Biological characteristics and translational research of dental stem cells.
- Author:
Qianmin OU
1
;
Zhengshi LI
1
;
Luhan NIU
1
;
Qianhui REN
1
;
Xinyu LIU
1
;
Xueli MAO
1
;
Songtao SHI
1
Author Information
1. South China Center of Craniofacial Stem Cell Research, Hospital of Stomatology, Guanghua School of Stomatology, Sun Yatsen University & Guangdong Provincial Key Laboratory of Stomatology, Guangzhou 510055, China.

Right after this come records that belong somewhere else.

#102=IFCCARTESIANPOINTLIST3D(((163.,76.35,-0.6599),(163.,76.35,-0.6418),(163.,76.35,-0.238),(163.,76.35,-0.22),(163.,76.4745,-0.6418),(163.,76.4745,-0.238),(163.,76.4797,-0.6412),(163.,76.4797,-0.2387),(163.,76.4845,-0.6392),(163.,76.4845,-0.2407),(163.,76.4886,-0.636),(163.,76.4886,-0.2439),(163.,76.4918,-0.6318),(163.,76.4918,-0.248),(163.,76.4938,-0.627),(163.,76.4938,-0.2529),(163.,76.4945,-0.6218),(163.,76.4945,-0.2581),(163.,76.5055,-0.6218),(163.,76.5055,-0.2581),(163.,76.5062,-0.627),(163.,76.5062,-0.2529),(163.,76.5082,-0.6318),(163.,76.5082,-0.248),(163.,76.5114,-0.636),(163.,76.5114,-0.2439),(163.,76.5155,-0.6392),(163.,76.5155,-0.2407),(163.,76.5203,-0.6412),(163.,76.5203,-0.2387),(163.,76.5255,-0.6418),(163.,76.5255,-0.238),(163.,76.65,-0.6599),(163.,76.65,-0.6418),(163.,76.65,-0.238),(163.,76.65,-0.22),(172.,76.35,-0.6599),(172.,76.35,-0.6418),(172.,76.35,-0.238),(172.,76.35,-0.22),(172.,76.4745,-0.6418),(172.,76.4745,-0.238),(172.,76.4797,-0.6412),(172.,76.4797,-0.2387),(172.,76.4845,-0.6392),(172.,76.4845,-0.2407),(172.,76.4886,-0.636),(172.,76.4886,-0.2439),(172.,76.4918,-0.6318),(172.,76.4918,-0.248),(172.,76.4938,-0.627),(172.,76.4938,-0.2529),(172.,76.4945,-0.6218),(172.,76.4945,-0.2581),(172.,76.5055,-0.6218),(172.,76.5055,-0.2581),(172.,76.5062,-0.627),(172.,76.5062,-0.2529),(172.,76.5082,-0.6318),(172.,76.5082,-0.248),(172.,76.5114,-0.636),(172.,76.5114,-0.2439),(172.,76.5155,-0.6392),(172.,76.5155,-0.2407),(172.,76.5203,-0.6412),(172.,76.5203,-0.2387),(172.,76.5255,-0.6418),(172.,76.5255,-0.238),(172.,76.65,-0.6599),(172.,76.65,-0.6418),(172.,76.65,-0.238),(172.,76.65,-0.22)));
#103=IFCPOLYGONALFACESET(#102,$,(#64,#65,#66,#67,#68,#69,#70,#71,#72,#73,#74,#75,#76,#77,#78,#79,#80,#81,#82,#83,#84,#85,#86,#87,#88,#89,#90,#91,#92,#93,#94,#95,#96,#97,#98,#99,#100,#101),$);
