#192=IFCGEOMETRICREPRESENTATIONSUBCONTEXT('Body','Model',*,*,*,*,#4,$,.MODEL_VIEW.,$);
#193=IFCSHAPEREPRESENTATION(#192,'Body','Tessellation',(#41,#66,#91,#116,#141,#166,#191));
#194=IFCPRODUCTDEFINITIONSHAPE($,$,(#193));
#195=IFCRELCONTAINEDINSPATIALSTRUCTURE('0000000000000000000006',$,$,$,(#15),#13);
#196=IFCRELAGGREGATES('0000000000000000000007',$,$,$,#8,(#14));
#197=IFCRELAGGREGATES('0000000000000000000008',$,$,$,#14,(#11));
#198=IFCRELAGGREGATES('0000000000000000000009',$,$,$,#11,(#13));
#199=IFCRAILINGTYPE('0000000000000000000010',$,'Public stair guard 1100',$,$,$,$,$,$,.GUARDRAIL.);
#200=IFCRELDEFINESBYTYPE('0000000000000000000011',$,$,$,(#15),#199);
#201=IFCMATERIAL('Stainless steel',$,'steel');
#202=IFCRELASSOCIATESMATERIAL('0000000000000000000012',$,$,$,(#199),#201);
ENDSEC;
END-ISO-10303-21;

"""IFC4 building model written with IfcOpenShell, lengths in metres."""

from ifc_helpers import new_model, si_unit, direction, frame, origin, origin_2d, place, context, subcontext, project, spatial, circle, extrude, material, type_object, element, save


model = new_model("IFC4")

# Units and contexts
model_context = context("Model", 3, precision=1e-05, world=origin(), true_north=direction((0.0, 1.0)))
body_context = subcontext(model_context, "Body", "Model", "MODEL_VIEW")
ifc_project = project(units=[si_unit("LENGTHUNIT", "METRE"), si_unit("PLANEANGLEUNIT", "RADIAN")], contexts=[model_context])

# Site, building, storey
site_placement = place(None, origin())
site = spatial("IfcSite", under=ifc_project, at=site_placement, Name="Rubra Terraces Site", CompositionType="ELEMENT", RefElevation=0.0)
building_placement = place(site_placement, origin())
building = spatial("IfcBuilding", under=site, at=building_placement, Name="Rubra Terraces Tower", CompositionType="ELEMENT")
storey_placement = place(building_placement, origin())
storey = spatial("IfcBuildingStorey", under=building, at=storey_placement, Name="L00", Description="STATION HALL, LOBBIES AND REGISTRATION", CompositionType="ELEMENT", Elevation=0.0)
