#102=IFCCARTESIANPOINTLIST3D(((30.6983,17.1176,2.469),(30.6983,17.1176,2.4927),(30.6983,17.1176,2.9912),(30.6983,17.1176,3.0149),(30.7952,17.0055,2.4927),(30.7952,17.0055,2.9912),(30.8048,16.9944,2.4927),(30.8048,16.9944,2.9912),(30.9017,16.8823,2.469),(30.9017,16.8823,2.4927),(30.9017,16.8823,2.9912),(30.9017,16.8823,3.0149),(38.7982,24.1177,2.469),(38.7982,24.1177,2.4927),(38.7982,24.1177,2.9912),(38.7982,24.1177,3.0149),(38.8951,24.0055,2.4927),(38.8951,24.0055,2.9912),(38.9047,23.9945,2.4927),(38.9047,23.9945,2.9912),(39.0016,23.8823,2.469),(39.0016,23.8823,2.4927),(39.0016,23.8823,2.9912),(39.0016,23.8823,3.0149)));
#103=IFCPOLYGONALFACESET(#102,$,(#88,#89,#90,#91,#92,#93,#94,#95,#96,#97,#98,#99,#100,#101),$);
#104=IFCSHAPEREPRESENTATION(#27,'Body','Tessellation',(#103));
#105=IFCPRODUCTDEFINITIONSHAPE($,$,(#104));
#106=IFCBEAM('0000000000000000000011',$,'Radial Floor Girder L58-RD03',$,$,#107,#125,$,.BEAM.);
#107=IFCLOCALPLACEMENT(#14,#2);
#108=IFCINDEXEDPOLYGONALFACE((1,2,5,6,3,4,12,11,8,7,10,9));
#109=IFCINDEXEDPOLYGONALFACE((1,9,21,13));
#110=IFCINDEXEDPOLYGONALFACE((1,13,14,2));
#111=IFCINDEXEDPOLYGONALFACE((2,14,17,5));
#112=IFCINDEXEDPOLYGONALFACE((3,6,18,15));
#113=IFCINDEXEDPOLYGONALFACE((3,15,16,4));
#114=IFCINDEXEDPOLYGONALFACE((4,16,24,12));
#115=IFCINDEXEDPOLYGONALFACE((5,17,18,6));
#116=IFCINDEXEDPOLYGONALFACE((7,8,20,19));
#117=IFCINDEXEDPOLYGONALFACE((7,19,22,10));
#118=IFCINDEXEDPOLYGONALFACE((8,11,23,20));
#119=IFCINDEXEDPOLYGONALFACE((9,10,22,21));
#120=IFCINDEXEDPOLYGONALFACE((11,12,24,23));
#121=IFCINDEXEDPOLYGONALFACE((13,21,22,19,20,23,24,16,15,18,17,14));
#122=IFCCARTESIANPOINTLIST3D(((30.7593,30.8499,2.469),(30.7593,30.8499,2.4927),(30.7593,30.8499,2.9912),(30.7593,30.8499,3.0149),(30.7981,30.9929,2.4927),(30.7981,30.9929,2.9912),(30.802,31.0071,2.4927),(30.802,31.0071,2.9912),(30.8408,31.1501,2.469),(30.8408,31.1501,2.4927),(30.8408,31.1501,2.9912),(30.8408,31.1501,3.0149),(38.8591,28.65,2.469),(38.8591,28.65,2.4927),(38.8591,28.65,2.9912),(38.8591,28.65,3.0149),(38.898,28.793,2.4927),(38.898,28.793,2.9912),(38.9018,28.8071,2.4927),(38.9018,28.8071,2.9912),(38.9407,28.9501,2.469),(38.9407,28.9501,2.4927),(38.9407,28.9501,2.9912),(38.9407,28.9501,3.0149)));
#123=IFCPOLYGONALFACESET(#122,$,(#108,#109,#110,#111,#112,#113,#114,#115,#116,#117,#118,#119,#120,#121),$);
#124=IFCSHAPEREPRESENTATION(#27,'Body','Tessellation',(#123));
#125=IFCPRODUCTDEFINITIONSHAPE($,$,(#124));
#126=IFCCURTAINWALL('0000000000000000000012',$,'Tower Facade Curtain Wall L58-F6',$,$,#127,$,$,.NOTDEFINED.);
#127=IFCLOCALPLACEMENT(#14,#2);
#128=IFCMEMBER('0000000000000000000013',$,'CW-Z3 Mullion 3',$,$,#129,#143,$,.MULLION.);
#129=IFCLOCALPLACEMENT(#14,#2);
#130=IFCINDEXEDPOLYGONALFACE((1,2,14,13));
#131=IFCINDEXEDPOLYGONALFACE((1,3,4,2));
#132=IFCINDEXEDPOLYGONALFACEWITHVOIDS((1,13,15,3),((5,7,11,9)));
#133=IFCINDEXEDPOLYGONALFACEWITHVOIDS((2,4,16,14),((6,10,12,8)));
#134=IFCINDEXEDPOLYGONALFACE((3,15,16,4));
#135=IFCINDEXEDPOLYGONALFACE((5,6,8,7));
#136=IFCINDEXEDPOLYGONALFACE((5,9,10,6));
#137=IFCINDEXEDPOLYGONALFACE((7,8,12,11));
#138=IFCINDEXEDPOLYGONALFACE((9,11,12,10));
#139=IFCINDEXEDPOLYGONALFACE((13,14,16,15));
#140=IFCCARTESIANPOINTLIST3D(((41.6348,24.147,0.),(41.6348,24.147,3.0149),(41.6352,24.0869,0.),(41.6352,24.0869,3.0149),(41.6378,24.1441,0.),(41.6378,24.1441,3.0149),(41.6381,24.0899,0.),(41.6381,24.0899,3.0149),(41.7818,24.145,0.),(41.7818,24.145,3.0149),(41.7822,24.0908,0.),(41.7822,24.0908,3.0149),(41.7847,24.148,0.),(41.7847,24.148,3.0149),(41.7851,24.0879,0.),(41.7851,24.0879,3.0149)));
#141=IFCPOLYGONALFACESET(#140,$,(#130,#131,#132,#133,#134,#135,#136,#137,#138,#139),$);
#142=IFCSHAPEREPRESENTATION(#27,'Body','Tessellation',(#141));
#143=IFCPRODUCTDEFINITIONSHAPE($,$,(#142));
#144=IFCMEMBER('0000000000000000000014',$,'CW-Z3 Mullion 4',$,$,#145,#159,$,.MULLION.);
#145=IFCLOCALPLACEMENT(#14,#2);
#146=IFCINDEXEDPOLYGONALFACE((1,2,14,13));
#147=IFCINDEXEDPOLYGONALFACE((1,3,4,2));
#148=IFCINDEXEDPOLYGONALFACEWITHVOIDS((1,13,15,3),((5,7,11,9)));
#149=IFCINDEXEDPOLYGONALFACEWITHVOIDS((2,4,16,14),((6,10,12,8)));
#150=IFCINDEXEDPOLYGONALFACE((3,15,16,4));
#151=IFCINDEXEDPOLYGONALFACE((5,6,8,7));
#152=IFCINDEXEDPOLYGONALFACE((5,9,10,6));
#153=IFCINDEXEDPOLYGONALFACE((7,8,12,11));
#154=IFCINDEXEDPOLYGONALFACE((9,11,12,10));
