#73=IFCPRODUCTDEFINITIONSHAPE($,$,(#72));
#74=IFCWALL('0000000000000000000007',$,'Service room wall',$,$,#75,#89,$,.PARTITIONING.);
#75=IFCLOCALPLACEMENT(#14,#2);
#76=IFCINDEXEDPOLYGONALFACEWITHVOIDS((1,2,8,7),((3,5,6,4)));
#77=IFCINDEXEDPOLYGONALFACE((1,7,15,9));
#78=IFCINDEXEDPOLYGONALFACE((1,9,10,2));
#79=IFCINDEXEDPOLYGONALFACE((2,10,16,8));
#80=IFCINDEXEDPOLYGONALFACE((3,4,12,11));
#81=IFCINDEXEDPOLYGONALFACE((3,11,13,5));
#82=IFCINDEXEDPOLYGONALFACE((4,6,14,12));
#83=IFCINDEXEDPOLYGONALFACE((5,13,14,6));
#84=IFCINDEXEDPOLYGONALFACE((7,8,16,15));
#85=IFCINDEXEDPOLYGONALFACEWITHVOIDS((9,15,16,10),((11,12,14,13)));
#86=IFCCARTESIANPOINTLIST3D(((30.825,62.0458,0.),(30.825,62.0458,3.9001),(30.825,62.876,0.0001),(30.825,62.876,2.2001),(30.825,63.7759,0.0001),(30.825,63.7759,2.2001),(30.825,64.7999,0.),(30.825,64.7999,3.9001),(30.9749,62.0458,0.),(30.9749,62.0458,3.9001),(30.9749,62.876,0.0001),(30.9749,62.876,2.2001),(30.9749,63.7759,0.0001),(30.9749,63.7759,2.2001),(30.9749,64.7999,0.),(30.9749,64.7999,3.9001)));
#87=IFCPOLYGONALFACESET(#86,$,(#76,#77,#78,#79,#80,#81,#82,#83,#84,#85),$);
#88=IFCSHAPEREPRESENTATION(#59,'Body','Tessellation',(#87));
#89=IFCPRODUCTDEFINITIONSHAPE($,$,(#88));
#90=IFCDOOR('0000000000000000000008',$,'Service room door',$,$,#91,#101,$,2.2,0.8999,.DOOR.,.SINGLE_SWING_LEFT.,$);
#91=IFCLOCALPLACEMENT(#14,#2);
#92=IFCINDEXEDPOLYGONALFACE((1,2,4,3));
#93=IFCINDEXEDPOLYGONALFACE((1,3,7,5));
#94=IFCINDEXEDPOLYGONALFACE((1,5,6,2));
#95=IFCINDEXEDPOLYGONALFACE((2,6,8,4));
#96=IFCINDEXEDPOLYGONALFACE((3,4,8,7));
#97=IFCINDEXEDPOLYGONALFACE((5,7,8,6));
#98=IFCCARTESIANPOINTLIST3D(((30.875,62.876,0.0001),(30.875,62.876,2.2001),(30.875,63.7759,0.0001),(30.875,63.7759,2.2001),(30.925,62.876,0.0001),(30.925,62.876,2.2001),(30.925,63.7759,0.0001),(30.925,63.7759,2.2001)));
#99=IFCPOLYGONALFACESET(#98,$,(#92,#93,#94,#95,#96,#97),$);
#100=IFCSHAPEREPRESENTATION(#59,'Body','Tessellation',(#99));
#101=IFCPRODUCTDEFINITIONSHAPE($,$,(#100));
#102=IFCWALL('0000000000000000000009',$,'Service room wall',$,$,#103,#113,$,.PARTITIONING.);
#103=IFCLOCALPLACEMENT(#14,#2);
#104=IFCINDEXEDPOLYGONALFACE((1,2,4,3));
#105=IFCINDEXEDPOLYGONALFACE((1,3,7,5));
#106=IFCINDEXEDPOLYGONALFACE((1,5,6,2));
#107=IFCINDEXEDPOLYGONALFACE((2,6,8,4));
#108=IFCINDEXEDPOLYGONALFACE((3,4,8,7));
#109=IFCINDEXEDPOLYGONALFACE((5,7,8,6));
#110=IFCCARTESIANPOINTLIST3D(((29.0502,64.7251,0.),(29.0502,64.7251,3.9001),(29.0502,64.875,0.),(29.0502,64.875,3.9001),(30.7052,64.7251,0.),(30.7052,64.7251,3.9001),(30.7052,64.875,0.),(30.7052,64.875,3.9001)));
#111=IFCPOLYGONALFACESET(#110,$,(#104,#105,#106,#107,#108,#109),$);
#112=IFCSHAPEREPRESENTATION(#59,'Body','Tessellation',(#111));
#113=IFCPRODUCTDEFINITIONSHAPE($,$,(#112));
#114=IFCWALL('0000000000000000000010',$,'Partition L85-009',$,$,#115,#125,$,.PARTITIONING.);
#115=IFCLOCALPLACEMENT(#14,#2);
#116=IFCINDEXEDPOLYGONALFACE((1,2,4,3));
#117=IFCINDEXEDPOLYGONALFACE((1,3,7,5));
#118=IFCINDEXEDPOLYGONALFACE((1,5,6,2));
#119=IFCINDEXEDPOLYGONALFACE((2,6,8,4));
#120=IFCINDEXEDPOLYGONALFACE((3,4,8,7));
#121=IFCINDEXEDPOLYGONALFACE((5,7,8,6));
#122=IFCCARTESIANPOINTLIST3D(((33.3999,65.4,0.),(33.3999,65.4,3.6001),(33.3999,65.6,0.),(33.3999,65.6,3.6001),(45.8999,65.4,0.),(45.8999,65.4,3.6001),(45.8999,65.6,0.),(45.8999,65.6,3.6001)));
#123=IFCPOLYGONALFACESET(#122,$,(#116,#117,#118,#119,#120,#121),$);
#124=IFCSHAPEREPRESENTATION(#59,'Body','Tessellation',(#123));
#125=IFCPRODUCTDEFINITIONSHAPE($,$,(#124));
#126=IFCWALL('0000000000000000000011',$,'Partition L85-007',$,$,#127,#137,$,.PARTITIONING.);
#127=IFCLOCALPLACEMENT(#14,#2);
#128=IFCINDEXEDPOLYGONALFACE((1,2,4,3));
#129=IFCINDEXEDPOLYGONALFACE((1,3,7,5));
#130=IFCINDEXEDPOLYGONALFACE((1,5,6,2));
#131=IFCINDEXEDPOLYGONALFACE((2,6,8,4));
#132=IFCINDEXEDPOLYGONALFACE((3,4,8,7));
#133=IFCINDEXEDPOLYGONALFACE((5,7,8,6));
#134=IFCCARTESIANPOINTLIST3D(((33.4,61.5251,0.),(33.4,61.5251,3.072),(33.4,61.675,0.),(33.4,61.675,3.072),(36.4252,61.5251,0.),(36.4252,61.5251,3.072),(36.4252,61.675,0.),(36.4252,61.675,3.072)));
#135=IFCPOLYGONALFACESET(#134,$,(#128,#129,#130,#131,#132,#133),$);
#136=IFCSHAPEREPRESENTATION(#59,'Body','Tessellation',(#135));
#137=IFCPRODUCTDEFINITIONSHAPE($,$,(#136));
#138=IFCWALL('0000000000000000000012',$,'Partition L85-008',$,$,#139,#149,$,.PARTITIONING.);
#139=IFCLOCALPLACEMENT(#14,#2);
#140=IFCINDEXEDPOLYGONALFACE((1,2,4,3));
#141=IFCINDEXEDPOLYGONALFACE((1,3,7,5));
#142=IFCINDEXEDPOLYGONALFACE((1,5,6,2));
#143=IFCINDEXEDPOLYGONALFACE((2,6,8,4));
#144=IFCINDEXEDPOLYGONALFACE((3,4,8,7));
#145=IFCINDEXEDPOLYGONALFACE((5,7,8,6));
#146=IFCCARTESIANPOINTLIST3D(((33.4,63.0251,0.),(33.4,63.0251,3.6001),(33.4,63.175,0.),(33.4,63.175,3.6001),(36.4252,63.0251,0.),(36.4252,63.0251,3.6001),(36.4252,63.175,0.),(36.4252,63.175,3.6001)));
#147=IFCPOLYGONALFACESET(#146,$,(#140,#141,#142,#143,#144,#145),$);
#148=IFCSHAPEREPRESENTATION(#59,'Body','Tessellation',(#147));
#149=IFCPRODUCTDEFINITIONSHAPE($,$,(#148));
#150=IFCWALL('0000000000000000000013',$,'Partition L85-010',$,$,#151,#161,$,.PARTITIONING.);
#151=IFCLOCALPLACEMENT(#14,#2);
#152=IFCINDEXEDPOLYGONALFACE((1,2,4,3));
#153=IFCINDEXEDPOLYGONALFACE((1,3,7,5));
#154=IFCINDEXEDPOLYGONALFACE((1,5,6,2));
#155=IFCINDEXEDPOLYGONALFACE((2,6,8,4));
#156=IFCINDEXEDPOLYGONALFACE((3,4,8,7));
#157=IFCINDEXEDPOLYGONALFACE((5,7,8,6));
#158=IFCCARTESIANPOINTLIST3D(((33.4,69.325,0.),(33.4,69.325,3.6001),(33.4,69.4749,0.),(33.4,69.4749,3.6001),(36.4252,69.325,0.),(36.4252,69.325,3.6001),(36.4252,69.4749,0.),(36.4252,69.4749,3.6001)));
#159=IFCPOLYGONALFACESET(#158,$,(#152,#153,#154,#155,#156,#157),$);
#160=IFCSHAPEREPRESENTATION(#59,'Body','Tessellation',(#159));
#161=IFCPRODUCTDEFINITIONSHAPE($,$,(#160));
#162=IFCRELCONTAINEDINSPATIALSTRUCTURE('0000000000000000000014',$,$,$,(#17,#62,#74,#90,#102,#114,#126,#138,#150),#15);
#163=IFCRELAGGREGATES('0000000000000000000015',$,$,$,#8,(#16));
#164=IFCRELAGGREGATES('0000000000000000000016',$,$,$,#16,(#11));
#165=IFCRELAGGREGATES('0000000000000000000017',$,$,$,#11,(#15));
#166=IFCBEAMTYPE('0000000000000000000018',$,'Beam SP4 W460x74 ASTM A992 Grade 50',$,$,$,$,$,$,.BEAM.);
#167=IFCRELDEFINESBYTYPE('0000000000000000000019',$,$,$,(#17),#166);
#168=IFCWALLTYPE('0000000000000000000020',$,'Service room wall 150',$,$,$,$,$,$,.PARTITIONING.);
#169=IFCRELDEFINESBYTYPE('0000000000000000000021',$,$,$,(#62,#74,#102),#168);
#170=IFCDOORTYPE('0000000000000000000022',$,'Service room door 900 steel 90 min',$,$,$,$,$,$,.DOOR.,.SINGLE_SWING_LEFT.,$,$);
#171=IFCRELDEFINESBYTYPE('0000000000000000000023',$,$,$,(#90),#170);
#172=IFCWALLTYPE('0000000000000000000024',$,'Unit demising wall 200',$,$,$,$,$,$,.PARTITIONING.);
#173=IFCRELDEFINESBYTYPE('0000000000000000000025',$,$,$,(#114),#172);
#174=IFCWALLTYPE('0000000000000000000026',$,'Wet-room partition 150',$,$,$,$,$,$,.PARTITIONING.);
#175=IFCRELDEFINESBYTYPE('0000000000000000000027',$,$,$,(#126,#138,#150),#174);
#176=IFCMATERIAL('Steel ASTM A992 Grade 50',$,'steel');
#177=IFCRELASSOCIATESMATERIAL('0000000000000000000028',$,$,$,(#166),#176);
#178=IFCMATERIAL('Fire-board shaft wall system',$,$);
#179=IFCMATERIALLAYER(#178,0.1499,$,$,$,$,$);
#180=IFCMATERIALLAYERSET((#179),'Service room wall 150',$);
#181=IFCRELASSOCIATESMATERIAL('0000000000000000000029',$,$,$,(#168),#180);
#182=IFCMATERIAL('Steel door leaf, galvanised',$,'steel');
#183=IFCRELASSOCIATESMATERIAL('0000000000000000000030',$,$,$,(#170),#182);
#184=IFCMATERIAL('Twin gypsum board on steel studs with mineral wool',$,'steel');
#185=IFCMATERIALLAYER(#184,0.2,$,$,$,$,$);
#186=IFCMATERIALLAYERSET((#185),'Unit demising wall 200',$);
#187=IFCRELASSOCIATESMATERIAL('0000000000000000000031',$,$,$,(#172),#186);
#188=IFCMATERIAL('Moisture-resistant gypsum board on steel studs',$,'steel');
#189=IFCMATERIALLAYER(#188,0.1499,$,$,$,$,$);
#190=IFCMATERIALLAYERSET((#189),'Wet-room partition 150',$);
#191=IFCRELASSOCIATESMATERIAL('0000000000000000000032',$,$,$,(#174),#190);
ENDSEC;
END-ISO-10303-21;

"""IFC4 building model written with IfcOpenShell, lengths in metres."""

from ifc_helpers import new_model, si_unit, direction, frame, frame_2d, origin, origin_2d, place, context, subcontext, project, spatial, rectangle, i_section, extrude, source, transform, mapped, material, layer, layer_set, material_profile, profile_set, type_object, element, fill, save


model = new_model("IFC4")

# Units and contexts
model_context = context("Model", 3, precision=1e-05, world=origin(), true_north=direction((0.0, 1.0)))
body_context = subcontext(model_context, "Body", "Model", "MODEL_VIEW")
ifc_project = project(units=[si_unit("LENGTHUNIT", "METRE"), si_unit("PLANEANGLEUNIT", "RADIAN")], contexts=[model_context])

- Publication Type:English Abstract
- Keywords:
Dental stem cells;
Extracellular vesicles;
Immunomodulation;
Periodontal restoration;
Pulp regeneration
- MeSH:
Humans;
Dental Pulp/cytology*;
Translational Research, Biomedical;
Mesenchymal Stem Cells/cytology*;
Periodontal Ligament/cytology*;
Stem Cells/cytology*;
Regeneration;
Tooth, Deciduous/cytology*;
Cell Differentiation;
Tissue Engineering/methods*;
Regenerative Medicine
- From:
Journal of Peking University(Health Sciences)
2025;57(5):827-835
- CountryChina
- Language:Chinese
-
Abstract:
Dental stem cells (DSCs), a distinct subset of mesenchymal stem cells (MSCs), are isolated from dental tissues, such as dental pulp, exfoliated deciduous teeth, periodontal ligament, and apical papilla. They have emerged as a promising source of stem cell therapy for tissue regeneration and autoimmune disorders. The main types of DSCs include dental pulp stem cells (DPSCs), stem cells from human exfoliated deciduous teeth (SHED), periodontal ligament stem cells (PDLSCs), and stem cells from apical papilla (SCAP). Each type exhibits distinct advantages: easy access via minimally invasive procedures, multi-lineage differentiation potential, and excellent ethical acceptability. DSCs have demonstrated outstanding clinical efficacy in oral and maxillofacial regeneration, and their long-term safety has been verified. In oral tissue regeneration, DSCs are highly effective in oral tissue regeneration for critical applications such as the restoration of dental pulp vitality and periodontal tissue repair. A defining advantage of DSCs lies in their ability to integrate with host tissues and promote physiological regeneration, which render them a better option for oral tissue regenerative therapies. Beyond oral applications, DSCs also exhibit promising potential in the treatment of systemic diseases, including type Ⅱ diabetes and autoimmune diseases due to their immunomodulatory effects. Moreover, extracellular vesicles (EVs) derived from DSCs act as critical mediators for DSCs' paracrine functions. Possessing regulatory properties similar to their parental cells, EVs are extensively utilized in research targeting tissue repair, immunomodulation, and regenerative therapy-offering a "cell-free" strategy to mitigate the limitations associated with cell-based therapies. Despite these advancements, standardizing large-scale manufacturing, maintaining strict quality control, and clarifying the molecular mechanisms underlying the interaction of DSCs and their EVs with recipient tissues remain major obstacles to the clinical translation of these treatments into broad clinical use. Addressing these barriers will be critical to enhancing their clinical applicability and therapeutic efficacy. In conclusion, DSCs and their EVs represent a transformative approach in regenerative medicine, and increasing clinical evidence supports their application in oral and systemic diseases. Continuous innovation remains essential to unlocking the widespread clinical potential of DSCs.